Gli scritti del filosofo giapponese Kohei Saito, astro nascente internazionale (presente anche a Zagabria), a sorpresa sono diventati un successo in Giappone e in tutto il mondo, con il suo libro del 2020 Il capitale nell’Antropocene che ha venduto più di 500.000 copie; durante la settimana della conferenza è stato citato dal New York Times per la sua filosofia di “comunismo della decrescita”, mentre una traduzione tedesca era appena apparsa nella lista dei bestseller di Der Spiegel.

Ed è una sorta di “vittoria culturale”, dice Liegey, che anche riviste politiche come l’Economist e il Financial Times, per non parlare della presente pubblicazione, abbiano iniziato a interessarsi alla decrescita, anche solo per sfatarla  come un disastro economico in arrivo.

Spinti a spiegare l’impennata di interesse, tuttavia, è degno di nota il fatto che molti organizzatori e ricercatori non abbiano citato proposte concrete dall’agenda economica della decrescita, ma piuttosto le rovine del vecchio paradigma del dopoguerra.

Hanno citato temperature da record che sono letteralmente aumentate fuori scala. Hanno citato la pandemia, un esperimento di rapida trasformazione sociale che ha ampliato l’immaginazione pubblica per ciò che è possibile in un lasso di tempo ristretto. Hanno citato, soprattutto, l’energia della generazione più giovane di attivisti di Ende Gelände, Extinction Rebellion, Fridays for Future, e i molti giovani e studenti laureati che si stanno impegnando nella decrescita stessa.

Una di queste nuove arrivate, qui a Zagabria come volontaria, mi dice di aver scoperto la decrescita dopo essere rimasta delusa dalle narrazioni sulla crescita verde e dalla politica dei partiti nella nativa Francia. “Non sono sicura di quanto sia propaganda”, dice con una risata, indicando la cacofonia di workshop e presentazioni accademiche che si svolgono contemporaneamente nel centro conferenze (il cui scopo abituale, mi dicono, è quello di ospitare matrimoni; qui se ne possono celebrare almeno tre contemporaneamente). Ma ammette che trova “stimolante vedere così tante persone che lavorano a soluzioni” dopo che i canali più mainstream l’hanno lasciata pessimista.
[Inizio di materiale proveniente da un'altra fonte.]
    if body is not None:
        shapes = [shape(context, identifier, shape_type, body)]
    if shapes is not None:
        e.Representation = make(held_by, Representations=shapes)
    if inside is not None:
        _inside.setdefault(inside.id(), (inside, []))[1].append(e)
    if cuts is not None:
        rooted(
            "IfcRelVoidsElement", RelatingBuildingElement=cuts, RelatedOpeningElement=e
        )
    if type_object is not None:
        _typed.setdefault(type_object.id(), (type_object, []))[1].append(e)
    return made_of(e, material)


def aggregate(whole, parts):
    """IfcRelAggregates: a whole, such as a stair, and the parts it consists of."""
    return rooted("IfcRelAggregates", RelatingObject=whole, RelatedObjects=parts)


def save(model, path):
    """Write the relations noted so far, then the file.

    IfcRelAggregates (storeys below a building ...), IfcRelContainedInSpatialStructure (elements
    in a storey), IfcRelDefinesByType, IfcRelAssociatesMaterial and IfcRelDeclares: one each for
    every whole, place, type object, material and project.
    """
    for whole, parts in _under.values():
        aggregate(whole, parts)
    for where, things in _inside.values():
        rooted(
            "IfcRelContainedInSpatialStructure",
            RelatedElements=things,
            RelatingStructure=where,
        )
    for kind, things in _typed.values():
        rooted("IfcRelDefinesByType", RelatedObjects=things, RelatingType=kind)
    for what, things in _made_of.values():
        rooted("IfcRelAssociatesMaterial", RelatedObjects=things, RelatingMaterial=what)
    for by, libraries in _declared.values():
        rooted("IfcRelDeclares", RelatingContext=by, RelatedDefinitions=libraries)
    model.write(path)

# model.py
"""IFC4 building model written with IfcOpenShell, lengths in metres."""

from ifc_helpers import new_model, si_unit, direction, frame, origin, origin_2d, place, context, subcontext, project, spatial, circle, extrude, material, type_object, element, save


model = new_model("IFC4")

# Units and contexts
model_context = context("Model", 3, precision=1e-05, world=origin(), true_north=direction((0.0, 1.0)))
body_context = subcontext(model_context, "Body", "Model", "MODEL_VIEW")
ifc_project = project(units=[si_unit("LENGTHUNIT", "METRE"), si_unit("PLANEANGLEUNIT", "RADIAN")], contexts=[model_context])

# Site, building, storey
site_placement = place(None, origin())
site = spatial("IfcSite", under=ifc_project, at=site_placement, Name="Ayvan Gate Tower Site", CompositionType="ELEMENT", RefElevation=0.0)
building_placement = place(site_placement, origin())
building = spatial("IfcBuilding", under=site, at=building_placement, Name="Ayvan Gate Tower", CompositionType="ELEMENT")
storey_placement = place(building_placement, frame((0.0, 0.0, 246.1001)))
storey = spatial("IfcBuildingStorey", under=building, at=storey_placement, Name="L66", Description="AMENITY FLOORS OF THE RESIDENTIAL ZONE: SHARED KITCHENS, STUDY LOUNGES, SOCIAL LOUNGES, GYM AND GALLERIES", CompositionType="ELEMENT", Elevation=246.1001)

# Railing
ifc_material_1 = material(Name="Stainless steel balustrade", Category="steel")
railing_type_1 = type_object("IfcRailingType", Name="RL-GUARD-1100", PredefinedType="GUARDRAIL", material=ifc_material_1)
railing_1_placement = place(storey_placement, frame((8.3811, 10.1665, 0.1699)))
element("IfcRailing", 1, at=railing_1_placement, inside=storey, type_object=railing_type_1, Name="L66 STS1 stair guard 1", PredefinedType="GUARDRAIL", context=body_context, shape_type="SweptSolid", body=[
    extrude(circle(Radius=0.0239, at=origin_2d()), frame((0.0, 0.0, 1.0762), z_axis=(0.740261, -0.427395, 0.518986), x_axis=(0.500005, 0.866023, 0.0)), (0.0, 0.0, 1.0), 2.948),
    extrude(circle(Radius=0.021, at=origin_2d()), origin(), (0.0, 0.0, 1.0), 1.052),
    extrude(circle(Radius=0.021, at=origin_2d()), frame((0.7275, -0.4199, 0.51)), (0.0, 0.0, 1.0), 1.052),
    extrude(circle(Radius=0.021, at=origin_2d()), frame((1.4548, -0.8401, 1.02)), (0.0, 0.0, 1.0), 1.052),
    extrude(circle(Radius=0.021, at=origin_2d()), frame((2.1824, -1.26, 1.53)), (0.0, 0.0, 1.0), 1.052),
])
Non è l’unica persona attratta dal movimento europeo per la decrescita da una combinazione di pessimismo sulle attuali condizioni del mondo e dalla promessa di soluzioni politiche per placare quell’ansia. Ma la decrescita solleva anche la questione di quanto reali debbano essere queste soluzioni, o se piuttosto l’attrattiva principale sia la gestione del pessimismo.

Alla richiesta di spiegare perché il movimento continua a godere di più sostegno in Europa rispetto ad altre parti del mondo industrializzato, i sostenitori della decrescita sottolineano la lunga tradizione di organizzazione di sinistra del continente e la maggiore apertura culturale per frenare gli eccessi del capitalismo.
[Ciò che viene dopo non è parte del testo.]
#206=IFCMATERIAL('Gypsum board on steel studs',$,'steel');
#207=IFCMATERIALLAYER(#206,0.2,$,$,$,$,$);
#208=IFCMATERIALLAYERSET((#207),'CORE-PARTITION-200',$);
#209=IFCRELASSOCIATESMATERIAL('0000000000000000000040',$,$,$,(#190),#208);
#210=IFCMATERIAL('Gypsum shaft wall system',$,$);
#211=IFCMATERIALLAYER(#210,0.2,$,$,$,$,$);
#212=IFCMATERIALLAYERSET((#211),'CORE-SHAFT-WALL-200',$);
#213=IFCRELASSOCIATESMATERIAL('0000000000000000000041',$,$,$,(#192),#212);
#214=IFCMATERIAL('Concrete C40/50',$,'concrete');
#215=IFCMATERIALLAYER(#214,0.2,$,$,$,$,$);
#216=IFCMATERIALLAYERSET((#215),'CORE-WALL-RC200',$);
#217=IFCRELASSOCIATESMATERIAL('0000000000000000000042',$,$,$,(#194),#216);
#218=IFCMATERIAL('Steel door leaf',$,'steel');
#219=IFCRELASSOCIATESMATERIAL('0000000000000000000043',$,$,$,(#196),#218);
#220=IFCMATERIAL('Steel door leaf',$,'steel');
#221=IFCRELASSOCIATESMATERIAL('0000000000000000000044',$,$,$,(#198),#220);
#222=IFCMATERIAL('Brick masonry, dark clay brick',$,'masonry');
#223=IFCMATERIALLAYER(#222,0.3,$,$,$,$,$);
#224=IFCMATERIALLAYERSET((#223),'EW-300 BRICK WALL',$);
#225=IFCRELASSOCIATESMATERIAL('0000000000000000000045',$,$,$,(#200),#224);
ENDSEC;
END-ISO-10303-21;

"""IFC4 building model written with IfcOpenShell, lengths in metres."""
“C’è più libertà in Europa di mettere in discussione l’economia mainstream ed il paradigma della crescita”, dice Steinberger, che ha conseguito il dottorato di ricerca in fisica presso il Massachusetts Institute of Technology. “Non è che sia comodo”, aggiunge, “ma almeno… nessuno viene licenziato per questo. Non genera lo stesso tipo di repulsione istintiva”.

Saito, che ha studiato sia negli Stati Uniti che in Europa prima di tornare nella sua nativa Tokyo, dove ora è professore di filosofia all’Università, fa eco all’affermazione: “Penso che in un certo senso i paesi dell’UE abbiano già regolamentato questo sistema di capitalismo, creando altro spazio per altre cose, per attività non commerciali. E questa è già mezza decrescita”.

Ma c’è, potenzialmente, un contesto culturale più ampio alla base dell’aumento di interesse, soprattutto tra i giovani. Gwendoline Delbos-Corfield, membro del Parlamento europeo che rappresenta la Francia (e il gruppo dei partiti Verdi/Alleanza libera europea), mi dice che i giovani con cui parla sono particolarmente pessimisti. “Le ragazze mi dicono che non dovremmo avere figli perché danneggia il pianeta”, dice.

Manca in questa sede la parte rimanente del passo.